For Property-Backed Securities,
Rita May Be Worse Than Katrina
by Christine Haughney
From The Wall Street Journal Online
September 26, 2005
Hurricane Rita threatens to do more damage to publicly traded real-estate markets than Katrina.
Standard & Poor's estimates about three times as much commerical-mortgage-backed securities could be affected by the pending storm than were affected by Katrina. CMBS are created by securitizing loans on offices, malls and other commerical properties.
In Houston alone, some 2,000 properties valued at about $11 billion are packaged in such bonds, according to analytics firm Trepp LLC -- roughly 2.4% of the overall CMBS market. Across Louisiana, Mississippi and Alabama, about 1,100 properties in 345 deals were affected by Katrina.
"There is certainly more CMBS exposure in Dallas and Houston," said Bear Stearns senior managing director Randy Reiff.

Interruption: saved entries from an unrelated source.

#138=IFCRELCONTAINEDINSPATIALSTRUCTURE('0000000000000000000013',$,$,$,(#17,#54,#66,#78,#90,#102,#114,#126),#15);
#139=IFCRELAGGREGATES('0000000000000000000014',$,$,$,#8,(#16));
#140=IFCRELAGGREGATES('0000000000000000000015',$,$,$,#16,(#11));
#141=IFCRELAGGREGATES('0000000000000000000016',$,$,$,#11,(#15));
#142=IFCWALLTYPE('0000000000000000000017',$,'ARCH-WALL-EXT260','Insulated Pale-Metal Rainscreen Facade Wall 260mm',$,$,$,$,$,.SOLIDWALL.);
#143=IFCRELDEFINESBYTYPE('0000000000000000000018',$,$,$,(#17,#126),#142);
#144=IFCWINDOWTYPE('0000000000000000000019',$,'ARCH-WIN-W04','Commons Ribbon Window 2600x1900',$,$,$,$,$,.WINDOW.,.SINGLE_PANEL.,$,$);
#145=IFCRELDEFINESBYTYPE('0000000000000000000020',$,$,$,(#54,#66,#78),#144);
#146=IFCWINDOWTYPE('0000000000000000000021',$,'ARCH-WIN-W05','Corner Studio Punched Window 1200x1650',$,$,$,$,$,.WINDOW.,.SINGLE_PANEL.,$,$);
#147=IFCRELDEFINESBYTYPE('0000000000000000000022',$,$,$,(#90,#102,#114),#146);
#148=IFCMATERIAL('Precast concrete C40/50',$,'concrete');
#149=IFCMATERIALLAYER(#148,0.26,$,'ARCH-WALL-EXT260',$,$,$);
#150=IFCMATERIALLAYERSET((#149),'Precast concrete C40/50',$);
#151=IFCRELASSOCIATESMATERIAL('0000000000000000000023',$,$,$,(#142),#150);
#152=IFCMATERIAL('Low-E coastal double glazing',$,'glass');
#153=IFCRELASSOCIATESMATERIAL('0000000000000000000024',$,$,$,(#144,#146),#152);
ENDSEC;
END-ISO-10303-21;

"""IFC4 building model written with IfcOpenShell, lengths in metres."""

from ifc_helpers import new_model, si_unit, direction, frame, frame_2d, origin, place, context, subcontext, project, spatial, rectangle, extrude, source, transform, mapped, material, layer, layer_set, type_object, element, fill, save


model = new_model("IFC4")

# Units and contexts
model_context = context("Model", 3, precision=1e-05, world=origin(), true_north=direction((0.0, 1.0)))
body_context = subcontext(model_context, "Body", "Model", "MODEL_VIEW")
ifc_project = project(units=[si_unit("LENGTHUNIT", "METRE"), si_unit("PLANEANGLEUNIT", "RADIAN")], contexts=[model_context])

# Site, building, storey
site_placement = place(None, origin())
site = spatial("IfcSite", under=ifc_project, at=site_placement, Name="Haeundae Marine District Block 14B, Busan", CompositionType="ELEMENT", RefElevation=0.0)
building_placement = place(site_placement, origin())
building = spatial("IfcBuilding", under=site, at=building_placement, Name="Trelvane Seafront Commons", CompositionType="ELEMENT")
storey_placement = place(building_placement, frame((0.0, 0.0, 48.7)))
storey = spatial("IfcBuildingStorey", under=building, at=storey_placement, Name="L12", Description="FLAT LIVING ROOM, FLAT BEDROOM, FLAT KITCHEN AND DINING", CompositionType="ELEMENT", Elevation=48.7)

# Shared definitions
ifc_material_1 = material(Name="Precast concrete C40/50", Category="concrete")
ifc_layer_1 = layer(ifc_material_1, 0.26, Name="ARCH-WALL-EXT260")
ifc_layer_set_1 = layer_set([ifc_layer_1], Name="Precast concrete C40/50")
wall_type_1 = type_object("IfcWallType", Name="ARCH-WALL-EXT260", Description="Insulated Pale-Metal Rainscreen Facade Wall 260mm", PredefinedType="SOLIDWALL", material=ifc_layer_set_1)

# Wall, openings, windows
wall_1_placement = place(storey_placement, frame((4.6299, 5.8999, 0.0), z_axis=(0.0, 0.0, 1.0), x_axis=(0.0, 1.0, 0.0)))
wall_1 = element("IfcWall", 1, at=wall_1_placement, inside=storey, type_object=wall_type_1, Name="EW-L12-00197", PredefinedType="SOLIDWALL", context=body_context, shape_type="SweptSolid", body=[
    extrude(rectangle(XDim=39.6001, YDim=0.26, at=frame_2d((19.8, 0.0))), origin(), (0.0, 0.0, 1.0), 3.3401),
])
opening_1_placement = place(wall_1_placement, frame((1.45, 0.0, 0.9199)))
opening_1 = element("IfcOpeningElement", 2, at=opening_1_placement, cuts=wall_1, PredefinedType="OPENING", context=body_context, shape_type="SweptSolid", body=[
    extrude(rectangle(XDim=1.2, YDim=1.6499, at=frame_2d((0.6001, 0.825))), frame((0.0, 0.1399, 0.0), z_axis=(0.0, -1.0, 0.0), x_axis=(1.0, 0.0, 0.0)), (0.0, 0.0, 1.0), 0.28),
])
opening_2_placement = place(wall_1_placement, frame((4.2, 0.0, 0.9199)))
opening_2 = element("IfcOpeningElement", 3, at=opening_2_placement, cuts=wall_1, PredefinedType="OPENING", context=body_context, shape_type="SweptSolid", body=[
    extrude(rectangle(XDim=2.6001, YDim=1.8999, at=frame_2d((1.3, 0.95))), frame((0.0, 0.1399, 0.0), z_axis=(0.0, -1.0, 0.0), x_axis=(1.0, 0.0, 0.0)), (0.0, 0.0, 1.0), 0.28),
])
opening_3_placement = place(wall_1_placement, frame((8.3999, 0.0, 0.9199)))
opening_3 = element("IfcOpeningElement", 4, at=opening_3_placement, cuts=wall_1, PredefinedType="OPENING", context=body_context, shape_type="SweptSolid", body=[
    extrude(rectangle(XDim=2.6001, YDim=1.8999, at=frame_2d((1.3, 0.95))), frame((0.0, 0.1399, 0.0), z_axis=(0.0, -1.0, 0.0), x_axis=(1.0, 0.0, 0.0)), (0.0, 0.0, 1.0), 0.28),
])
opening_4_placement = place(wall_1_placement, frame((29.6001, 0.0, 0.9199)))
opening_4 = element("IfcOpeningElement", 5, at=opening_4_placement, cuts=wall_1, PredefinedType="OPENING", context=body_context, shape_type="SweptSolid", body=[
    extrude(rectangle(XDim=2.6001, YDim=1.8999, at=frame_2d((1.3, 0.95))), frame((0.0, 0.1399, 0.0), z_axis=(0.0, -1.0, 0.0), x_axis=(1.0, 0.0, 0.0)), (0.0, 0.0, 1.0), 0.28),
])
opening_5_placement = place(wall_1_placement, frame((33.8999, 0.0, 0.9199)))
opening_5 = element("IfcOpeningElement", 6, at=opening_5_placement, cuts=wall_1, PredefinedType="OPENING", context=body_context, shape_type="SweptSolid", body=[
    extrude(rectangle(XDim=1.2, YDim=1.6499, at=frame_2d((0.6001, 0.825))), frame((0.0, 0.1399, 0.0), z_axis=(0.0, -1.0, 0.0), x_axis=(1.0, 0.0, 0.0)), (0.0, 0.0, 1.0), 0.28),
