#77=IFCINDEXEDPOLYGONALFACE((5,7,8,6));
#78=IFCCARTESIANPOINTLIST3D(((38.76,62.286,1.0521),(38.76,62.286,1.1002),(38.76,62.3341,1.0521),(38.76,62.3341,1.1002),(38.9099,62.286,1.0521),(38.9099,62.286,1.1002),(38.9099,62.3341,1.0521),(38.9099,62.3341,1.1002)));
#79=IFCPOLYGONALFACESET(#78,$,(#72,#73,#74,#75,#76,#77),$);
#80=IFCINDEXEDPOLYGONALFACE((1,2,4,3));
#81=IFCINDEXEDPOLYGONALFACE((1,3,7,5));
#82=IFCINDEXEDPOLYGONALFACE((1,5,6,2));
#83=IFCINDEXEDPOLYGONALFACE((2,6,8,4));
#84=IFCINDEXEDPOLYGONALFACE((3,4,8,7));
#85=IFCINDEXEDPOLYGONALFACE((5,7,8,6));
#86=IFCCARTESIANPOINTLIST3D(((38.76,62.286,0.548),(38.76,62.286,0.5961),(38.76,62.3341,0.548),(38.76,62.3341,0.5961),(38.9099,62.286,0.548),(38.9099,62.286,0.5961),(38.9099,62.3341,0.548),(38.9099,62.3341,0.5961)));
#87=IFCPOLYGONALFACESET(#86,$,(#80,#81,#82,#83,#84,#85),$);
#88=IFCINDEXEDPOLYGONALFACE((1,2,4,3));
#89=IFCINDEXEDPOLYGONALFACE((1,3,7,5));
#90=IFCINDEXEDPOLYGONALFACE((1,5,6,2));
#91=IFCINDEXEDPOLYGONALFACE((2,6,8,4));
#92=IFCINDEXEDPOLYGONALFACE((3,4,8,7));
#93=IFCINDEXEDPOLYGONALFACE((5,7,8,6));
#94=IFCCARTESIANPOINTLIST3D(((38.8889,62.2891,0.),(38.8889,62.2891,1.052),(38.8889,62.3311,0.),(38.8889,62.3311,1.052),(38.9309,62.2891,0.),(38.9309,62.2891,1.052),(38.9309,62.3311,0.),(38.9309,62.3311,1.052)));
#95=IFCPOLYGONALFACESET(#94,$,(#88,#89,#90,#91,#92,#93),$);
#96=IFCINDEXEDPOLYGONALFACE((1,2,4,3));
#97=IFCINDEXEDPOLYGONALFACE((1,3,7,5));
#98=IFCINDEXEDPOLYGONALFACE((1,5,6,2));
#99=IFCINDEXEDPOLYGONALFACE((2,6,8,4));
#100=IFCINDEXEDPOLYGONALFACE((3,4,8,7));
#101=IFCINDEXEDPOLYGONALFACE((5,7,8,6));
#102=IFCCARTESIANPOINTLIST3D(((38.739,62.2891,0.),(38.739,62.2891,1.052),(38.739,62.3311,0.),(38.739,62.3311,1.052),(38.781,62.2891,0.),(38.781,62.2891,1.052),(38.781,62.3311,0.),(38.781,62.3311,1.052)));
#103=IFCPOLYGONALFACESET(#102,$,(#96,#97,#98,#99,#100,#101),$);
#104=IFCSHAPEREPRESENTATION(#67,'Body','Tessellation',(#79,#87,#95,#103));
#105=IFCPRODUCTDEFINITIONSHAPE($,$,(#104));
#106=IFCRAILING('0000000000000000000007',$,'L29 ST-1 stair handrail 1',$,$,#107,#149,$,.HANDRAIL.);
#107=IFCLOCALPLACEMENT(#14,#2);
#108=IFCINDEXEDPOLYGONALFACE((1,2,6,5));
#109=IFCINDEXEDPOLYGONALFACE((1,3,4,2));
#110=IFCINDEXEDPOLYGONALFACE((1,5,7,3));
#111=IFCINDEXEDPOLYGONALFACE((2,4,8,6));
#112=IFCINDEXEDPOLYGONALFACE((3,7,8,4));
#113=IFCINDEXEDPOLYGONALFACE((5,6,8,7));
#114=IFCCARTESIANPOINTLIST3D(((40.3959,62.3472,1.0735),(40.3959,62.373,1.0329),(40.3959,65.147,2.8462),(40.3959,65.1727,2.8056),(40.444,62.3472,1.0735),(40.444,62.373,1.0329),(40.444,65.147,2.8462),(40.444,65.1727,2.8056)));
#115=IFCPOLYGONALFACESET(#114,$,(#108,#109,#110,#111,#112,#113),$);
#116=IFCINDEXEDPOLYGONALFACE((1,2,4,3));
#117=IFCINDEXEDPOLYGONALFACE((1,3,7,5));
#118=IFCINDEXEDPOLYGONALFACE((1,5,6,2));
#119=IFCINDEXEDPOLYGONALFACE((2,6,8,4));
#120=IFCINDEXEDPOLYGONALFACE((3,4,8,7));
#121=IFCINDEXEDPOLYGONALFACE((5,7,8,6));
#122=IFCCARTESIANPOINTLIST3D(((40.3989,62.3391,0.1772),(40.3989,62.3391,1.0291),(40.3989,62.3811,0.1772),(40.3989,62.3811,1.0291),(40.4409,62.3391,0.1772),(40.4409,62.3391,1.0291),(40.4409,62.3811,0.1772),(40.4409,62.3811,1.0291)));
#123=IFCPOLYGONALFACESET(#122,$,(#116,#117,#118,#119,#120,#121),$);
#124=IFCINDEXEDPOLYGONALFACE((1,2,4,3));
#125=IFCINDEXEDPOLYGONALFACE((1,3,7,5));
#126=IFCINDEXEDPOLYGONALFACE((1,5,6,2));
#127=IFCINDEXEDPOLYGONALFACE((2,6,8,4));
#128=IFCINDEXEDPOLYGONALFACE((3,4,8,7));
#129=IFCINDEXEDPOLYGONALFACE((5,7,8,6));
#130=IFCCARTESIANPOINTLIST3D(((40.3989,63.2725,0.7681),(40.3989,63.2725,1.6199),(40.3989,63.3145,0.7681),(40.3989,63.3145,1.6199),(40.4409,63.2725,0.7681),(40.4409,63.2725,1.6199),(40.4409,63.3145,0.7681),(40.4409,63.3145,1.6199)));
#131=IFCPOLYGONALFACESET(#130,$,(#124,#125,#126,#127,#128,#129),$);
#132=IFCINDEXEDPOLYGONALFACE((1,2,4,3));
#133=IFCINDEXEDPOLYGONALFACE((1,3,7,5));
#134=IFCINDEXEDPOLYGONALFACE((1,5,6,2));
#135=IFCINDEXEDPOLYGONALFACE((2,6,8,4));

But Mr. Reiff and others hope buildings in those more-inland Texas towns won't be harmed nearly as badly as buildings in New Orleans, where flooding accounted for most of the damage.
Real estate investment trusts like Camden Property Trust and Gables Residential Trust also have large portfolios in the Houston market. All together, REITs own more than 900 properties there.

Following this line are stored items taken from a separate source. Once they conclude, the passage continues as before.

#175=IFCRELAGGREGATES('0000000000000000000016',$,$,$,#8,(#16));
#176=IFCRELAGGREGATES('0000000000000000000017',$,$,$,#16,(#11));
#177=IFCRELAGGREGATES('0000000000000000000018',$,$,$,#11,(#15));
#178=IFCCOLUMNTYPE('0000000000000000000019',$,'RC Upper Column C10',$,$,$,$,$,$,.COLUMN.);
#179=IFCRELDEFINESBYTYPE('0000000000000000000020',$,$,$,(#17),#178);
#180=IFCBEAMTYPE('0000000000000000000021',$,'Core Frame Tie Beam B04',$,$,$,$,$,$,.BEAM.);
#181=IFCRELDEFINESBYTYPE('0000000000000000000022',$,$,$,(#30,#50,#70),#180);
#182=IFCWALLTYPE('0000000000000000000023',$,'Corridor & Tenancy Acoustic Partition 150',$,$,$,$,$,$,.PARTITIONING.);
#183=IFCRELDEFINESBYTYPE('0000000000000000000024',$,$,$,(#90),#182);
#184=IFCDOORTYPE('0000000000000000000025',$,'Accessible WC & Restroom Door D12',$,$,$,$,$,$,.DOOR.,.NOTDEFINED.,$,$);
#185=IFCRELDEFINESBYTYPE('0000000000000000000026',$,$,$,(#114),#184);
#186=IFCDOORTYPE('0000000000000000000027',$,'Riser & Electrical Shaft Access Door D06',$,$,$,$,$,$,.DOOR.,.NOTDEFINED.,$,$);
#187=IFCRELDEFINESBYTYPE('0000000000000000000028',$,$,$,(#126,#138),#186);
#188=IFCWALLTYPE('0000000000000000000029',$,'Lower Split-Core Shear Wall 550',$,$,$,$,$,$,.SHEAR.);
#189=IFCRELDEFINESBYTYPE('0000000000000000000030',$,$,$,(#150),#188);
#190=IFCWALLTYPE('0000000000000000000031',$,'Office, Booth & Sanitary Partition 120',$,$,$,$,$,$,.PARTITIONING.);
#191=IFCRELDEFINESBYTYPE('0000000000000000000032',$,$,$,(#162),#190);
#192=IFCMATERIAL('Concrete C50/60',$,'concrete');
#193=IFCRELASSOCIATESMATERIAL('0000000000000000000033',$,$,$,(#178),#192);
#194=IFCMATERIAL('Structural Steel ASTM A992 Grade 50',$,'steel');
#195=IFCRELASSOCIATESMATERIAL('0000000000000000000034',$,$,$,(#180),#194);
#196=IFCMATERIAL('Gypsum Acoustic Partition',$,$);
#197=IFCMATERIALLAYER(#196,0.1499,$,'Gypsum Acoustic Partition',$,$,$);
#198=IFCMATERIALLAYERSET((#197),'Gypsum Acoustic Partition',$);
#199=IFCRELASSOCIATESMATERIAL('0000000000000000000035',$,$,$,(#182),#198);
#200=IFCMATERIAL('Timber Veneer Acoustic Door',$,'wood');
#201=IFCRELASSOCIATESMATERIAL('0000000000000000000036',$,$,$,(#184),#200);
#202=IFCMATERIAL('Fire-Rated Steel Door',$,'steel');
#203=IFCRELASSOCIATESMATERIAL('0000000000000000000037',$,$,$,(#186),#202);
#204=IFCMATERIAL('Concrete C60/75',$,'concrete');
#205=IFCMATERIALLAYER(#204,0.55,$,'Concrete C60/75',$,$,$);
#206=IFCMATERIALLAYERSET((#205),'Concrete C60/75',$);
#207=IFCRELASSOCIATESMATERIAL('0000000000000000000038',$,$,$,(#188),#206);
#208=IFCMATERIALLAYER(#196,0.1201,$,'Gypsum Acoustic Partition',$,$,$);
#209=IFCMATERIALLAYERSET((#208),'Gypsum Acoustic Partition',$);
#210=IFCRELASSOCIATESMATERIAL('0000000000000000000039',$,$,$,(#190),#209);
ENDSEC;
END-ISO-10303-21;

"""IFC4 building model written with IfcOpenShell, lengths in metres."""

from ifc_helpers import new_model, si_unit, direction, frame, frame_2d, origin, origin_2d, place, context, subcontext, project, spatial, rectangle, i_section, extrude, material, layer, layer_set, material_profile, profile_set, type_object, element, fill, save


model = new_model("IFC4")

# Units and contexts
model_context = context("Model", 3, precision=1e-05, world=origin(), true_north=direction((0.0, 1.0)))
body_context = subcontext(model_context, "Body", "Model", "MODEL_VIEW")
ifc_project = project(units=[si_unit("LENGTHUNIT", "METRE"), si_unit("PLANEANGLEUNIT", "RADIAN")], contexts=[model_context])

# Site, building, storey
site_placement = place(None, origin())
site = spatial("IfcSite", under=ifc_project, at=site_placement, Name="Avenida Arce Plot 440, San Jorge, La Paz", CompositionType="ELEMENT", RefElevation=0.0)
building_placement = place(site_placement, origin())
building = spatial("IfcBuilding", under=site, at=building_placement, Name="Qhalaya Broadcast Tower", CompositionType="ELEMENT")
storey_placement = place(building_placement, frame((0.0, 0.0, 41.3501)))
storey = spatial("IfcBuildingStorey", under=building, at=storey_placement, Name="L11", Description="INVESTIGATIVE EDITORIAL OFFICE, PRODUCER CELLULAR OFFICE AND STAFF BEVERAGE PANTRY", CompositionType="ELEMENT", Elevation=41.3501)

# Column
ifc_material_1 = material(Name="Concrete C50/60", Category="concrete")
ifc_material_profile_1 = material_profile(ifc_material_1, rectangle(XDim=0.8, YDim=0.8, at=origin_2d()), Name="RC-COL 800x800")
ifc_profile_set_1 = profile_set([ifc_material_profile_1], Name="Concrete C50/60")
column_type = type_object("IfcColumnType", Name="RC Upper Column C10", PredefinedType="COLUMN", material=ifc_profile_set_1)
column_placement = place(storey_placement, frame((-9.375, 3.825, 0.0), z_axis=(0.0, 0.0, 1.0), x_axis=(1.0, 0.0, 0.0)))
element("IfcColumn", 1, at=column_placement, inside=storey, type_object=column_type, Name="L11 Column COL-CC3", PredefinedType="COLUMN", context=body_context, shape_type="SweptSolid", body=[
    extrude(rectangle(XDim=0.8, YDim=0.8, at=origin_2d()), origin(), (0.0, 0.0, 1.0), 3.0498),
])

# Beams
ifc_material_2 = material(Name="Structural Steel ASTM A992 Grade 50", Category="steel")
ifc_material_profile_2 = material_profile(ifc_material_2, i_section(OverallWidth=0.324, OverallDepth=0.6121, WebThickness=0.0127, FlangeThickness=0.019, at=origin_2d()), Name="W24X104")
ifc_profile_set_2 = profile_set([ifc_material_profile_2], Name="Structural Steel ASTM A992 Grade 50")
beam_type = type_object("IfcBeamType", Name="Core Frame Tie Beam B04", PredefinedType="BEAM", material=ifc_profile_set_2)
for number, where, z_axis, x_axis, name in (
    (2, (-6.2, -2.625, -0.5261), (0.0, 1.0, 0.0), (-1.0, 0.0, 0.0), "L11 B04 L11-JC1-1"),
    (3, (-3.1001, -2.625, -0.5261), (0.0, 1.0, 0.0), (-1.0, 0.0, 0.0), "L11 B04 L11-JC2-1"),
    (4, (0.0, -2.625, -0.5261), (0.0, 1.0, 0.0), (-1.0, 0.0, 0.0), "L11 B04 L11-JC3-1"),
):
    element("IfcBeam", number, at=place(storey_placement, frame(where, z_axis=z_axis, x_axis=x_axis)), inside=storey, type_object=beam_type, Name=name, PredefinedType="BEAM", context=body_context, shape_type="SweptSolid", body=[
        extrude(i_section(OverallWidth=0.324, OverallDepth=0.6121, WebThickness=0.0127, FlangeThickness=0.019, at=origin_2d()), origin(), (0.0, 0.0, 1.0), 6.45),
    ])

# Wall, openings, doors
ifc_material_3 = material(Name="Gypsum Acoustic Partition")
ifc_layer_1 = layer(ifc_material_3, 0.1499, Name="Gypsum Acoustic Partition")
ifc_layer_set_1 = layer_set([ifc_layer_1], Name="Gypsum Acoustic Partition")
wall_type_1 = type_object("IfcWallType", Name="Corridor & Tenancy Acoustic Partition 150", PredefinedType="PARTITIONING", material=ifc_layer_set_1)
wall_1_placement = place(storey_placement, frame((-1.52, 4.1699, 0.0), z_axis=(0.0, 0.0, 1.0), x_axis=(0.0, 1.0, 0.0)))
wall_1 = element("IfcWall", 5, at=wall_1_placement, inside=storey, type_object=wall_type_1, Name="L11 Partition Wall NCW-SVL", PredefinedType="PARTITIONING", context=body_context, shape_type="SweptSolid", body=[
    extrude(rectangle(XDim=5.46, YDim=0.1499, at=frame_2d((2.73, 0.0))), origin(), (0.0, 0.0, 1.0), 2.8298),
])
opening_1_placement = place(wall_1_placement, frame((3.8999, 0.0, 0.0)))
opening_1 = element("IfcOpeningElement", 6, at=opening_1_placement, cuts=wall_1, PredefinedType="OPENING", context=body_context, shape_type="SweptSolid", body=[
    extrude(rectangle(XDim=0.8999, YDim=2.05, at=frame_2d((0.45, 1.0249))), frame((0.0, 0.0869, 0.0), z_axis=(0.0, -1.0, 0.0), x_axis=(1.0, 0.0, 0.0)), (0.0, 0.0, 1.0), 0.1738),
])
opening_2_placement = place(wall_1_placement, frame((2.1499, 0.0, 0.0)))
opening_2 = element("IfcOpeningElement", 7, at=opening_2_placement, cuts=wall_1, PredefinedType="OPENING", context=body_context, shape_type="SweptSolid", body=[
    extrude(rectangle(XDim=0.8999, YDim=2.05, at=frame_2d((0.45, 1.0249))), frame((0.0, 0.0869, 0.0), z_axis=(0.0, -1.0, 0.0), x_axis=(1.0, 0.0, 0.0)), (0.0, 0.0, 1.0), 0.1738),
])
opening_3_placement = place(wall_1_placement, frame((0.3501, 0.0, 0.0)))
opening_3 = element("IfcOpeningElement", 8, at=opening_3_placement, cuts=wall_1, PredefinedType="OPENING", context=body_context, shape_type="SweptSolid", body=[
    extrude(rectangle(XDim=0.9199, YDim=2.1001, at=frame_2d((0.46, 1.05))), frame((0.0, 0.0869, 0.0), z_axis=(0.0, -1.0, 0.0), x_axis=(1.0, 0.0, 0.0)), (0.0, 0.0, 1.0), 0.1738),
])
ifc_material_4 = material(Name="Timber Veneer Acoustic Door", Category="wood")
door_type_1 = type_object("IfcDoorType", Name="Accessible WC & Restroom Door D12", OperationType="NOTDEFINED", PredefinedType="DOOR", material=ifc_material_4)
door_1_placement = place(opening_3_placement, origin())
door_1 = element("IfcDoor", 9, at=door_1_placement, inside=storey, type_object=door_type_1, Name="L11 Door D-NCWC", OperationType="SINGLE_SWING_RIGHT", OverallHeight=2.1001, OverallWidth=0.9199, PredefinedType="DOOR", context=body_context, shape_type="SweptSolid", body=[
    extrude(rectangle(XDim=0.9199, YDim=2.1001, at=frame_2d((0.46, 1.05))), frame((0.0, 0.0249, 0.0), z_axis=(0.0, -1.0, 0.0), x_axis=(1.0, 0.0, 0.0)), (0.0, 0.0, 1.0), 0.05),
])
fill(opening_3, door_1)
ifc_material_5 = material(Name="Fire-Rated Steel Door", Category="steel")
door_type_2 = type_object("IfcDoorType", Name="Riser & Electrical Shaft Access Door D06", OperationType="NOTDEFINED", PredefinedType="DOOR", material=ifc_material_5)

The Houston area has the highest-percentage of REIT-owned shopping centers in the nation, by square footage. Weingarten Realty Investors has the greatest exposure with 75 shopping centers, according to research firm SNL Financial.
"The sooner we can get the population of the Houston market back into the city, the less of an impact it will be," says Keven Lindemann, SNL's director of real estate.
Only 17 REITs with more than five properties along the entire Gulf Coast had properties that were affected by Katrina. Sizeler Property Investors Inc. had half of its portfolio affected, but that company has since reported that two of its three enclosed malls are operational.
Employees of agencies that finance and service commercial buildings are working all-out: In the past several weeks, GMAC Commercial Mortgage already has reallocated 75 staffers to work exclusively on 470 properties, valued at $2.8 billion, harmed by Katrina. Now GMAC executives are also concerned about 800 properties, valued at more than $4 billion, that the company finances or services mortgages on in the path of Rita.